Signatures have some fields that you need to set:

name type description
part string the resource type x9 will apply the regex. It has to be set with one of the following possible values (extension | path | filename | contents )
regex string The regular expression that will be used to match values in the respective resource.
name int Vulnerability name that will be displayed on the report.

Deploy

In order to deploy the application, you'll need to:

  1. Create and set up a Github Webhook for your organization or repository.

  2. Create a Github user with limited permissions in your repository/org.
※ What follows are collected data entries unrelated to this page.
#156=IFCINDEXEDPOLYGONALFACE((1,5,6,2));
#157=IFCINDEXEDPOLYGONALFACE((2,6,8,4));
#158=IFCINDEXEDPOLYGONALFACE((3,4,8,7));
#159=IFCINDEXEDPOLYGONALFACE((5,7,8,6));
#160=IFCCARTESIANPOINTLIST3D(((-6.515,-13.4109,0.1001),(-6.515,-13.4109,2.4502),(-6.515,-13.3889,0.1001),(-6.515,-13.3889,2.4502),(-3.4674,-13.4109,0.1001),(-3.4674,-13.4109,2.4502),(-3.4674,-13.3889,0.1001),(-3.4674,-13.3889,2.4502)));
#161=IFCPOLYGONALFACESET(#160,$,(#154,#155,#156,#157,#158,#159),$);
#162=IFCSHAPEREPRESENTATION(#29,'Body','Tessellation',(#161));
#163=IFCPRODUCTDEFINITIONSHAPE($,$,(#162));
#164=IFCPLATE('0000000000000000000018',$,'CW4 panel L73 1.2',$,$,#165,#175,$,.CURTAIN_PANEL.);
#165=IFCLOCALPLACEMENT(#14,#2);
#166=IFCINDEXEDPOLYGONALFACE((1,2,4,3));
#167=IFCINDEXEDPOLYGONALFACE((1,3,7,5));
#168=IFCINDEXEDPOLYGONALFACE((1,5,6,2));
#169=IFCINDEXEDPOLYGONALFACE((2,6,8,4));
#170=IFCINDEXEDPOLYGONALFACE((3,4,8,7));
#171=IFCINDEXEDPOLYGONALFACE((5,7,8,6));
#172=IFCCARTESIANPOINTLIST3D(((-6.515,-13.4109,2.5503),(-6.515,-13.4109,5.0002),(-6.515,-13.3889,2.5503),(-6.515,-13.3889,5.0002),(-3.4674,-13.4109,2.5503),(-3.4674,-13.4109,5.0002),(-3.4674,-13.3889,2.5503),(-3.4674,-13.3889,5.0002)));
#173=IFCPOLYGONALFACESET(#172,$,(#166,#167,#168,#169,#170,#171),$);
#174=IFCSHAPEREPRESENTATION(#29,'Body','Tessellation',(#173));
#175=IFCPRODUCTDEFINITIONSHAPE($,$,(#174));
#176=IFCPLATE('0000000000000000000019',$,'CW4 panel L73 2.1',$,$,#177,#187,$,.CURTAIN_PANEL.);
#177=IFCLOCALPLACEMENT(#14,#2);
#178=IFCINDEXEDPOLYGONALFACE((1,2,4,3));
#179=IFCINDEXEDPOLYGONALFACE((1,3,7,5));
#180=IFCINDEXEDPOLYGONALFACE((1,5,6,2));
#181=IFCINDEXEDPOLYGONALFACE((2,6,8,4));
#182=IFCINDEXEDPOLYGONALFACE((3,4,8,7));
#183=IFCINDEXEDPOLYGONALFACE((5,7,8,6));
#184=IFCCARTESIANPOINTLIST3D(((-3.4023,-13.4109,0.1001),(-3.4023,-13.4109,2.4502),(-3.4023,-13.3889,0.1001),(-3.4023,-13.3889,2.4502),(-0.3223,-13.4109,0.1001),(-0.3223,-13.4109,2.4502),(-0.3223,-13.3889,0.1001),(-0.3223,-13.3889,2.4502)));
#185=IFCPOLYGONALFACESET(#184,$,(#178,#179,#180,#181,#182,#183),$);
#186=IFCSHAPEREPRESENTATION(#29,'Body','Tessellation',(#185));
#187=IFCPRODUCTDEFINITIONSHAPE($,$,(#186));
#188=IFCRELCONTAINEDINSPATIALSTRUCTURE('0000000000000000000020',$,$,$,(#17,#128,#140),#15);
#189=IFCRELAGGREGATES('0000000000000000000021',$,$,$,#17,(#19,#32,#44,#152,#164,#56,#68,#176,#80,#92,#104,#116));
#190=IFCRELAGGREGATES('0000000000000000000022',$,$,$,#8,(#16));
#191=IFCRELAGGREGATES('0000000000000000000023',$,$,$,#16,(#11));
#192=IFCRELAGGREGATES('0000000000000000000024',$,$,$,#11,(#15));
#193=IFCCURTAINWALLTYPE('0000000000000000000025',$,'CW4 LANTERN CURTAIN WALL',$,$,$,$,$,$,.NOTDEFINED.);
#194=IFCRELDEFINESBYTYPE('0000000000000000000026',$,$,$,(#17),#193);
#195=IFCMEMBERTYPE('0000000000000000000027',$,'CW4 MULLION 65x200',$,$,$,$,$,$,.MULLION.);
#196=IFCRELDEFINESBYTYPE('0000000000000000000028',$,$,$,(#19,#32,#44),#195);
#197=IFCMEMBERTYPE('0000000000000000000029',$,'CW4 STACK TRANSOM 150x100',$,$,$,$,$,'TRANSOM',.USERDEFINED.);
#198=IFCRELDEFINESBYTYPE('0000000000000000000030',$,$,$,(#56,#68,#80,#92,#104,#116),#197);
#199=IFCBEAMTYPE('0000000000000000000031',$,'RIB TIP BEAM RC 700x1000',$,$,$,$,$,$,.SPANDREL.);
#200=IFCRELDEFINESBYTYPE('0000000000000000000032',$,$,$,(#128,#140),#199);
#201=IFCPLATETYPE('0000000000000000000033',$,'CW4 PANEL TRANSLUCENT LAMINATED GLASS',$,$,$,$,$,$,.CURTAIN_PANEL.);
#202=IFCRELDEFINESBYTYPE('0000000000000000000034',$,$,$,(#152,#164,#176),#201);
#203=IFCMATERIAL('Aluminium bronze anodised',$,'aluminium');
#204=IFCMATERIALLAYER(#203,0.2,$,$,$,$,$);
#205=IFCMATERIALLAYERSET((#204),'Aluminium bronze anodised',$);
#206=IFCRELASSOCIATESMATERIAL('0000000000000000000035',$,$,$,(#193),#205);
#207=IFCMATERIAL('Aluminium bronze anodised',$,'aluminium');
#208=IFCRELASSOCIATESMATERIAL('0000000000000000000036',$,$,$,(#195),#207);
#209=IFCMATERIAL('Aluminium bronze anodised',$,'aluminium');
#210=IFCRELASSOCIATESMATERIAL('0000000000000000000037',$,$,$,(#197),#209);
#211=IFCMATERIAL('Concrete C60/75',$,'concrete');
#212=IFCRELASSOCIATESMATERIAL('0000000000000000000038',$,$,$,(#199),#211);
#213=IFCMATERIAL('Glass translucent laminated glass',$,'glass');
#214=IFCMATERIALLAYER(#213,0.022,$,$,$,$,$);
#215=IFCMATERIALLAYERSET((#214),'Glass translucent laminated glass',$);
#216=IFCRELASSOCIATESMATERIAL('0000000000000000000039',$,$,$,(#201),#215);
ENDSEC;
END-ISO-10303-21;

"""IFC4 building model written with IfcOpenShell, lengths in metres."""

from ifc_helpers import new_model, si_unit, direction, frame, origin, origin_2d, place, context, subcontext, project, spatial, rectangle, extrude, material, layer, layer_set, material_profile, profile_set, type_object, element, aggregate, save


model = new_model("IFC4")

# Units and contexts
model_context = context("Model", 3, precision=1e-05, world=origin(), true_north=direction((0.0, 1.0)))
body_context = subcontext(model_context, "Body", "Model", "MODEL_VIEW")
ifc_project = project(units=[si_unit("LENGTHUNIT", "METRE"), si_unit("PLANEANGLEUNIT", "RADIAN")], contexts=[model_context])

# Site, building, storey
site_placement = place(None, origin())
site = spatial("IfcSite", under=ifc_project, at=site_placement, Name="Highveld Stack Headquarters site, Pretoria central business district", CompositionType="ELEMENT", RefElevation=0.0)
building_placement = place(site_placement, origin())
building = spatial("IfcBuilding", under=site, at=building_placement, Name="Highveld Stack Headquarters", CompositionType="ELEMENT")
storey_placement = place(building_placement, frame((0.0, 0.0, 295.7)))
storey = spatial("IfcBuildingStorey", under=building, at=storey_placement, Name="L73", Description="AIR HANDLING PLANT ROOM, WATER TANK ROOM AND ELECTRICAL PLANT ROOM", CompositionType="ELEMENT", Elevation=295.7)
You'll need to set up a Github token.

  3. Create and set up a Slack Webhook and Interactive Components.

  4. Set up all environment variables defined in docker.env.example:

variable description
POSTGRES_PASSWORD Postgres database password
POSTGRES_USER Postgres database user
POSTGRES_HOST Postgres database endpoint
POSTGRES_PORT Postgres database port
POSTGRES_DB Postgres database name
GITHUB_ACCOUNT_TOKEN Github account API token
GITHUB_ACCOUNT_USER Github user name
GITHUB_SECRET_WEBHOOK Github secret webhook defined when you create a new one
SLACK_WEBHOOK Slack webhook url
SLACK_USERS_ALLOWED Slack users allowed to flag vulnerabilities as false-positives

The following parameters are optionals and should be set only if you want to deploy the dashboard:

variable description
(Optional) OIDC_CLIENT_ID OpenID Connect client ID
(Optional) OIDC_SERVICE_URL OpenID Connect endpoint
(Optional) OIDC_CLIENT_SECRET OpenID Connect client secret
(Optional) APP_URL Domain name for your dashboard
(Optional) APP_SECRET_KEY Secret key used by the dashboard app to sign session tokens

The files worker.Dockerfile and app.Dockerfile defines the build images to each component. You can apply them separately or use docker-compose.yaml file to run it all together.